The convergence of HPC and BigData

FOSDEM VZW

François, Damien

Formal Metadata

Title

Subtitle

What does it mean for HPC sysadmins?

Title of Series

FOSDEM 2019

Number of Parts

561

Author

François, Damien

License

CC Attribution 2.0 Belgium:
You are free to use, adapt and copy, distribute and transmit the work or content in adapted or unchanged form for any legal purpose as long as the work is attributed to the author in the manner specified by the author or licensor.

Identifiers

10.5446/44577 (DOI)

Publisher

FOSDEM VZW

Release Date

2019

Language

English

Content Metadata

Subject Area

Computer Science

Genre

Conference/Talk

Abstract

There are mainly two types of people in the scientific computing world: those who produce data and those who consume it. Those who have models and generate data from those models, a process known as 'simulation', and those who have data and infer models from the data ('analytics').

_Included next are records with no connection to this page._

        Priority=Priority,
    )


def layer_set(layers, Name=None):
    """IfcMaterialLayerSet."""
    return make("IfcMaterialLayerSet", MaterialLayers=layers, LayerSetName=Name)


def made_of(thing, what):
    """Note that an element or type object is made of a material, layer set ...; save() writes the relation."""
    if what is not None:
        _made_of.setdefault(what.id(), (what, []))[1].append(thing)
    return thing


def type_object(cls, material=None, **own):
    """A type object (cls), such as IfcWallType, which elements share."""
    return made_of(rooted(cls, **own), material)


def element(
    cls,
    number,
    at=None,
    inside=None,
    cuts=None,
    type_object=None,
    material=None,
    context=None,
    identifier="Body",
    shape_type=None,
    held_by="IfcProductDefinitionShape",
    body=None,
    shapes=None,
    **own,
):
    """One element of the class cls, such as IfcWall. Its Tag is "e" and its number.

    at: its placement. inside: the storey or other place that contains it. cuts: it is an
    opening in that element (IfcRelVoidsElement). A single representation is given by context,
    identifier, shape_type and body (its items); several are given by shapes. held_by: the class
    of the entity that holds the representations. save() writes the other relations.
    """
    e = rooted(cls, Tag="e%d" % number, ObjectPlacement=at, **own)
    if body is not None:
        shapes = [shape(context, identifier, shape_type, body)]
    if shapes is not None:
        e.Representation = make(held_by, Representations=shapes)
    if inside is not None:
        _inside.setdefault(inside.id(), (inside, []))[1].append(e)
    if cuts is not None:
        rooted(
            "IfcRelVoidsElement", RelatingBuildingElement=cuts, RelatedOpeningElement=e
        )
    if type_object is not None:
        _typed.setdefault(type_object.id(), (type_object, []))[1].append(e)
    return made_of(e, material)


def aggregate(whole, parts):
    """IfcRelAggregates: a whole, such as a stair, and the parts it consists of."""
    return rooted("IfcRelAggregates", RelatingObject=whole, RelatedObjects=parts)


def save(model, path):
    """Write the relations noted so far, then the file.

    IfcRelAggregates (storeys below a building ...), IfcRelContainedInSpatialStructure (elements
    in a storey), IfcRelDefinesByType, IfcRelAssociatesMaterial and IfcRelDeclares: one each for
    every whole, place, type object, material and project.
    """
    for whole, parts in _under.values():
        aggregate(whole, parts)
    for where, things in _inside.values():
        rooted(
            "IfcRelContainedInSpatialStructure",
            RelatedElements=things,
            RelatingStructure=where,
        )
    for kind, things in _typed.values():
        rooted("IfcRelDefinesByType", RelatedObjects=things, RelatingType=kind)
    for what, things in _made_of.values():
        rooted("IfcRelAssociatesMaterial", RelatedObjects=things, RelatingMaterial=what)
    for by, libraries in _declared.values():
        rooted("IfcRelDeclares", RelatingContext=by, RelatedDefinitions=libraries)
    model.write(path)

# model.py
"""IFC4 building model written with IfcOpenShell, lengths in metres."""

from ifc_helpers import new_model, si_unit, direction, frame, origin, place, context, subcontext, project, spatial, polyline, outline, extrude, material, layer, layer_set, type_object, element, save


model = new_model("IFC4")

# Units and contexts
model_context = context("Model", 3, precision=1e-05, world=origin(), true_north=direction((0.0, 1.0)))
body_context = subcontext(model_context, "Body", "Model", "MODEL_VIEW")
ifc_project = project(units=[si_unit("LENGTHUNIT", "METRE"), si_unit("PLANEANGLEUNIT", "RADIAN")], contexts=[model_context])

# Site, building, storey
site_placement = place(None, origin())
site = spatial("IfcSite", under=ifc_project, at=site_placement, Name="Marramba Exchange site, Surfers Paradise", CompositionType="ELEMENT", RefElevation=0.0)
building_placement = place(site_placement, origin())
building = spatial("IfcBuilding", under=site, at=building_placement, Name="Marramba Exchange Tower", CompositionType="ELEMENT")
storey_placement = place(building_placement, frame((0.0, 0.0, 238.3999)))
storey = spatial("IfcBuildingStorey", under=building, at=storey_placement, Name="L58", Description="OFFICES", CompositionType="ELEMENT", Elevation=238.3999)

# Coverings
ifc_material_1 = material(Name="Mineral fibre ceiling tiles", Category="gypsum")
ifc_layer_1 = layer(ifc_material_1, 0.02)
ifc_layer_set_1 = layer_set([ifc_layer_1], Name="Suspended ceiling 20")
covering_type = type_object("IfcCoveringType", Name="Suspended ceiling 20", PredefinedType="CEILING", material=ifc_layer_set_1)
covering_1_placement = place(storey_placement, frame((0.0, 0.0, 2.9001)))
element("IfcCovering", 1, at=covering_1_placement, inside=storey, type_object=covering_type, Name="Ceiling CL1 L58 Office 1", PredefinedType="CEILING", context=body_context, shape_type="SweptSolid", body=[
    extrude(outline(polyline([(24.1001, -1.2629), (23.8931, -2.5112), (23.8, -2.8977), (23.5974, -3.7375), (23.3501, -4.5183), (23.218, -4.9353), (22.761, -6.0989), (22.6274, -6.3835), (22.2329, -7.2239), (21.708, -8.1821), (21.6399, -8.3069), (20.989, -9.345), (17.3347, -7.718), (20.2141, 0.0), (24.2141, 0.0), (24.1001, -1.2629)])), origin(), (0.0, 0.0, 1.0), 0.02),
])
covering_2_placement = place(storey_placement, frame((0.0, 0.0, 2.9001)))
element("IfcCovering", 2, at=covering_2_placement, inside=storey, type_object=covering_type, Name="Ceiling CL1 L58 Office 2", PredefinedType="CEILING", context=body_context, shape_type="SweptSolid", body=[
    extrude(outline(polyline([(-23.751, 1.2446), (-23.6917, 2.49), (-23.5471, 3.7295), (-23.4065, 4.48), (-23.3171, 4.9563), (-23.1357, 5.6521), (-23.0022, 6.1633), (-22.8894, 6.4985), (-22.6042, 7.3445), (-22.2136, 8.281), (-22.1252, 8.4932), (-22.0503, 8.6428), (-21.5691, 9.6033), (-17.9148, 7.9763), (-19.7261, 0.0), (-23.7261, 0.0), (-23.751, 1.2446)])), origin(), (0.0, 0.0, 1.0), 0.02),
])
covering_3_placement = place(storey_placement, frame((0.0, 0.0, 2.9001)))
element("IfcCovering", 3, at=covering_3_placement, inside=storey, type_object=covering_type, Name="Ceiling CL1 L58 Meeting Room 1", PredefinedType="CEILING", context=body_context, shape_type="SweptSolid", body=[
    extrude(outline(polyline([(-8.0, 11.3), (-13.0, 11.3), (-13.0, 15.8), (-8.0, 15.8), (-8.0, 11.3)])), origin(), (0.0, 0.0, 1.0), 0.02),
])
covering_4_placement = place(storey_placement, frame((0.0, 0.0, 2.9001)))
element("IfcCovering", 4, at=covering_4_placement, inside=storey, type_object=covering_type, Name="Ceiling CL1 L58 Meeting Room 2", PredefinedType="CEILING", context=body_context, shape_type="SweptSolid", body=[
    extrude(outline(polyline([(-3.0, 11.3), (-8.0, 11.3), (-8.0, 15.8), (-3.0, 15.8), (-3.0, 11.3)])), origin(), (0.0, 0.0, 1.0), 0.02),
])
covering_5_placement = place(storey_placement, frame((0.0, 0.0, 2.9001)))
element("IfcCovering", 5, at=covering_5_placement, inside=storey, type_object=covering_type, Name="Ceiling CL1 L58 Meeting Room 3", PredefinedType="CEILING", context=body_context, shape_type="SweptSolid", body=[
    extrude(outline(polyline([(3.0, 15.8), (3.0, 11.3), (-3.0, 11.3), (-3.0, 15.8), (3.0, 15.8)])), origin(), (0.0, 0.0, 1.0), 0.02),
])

The former often originate from disciplines such as Engineering, Physics, or Climatology, while the latter are most often active in Remote sensing, Bioinformatics, Sociology, or Management. Simulations often require large amount of computations so they are often run on generic High-Performance Computing (HPC) infrastructures built on a cluster of powerful high-end machines linked together with high-bandwidth low-latency networks. The cluster is often augmented with hardware accelerators (co-processors such as GPUs or FPGAs) and a large and fast parallel filesystem, all setup and tuned by systems administrators. By contrast, in analytics, the focus is on the storage and access of the data so analytics is often performed on a BigData infrastructure suited for the problem at hand. Those infrastructure offer specific data stores and are often installed in a more or less self-service way on a public or private 'Cloud' typically built on top of 'commodity' hardware. Those two worlds, the world of HPC and the world of BigData are slowly, but surely, converging. The HPC world realises that there are more to data storage than just files and that 'self-service' ideas are tempting. In the meantime, the BigData world realises that co-processors and fast networks can really speedup analytics. And indeed, all major public Cloud services now have an HPC offering. And many academic HPC centres start to offer Cloud infrastructures and BigData-related tools. This talk will focus on the latter point of view and review the tools originating from the BigData and the ideas from the Cloud that can be implemented in a HPC context to enlarge the offer for scientific computing in universities and research centres.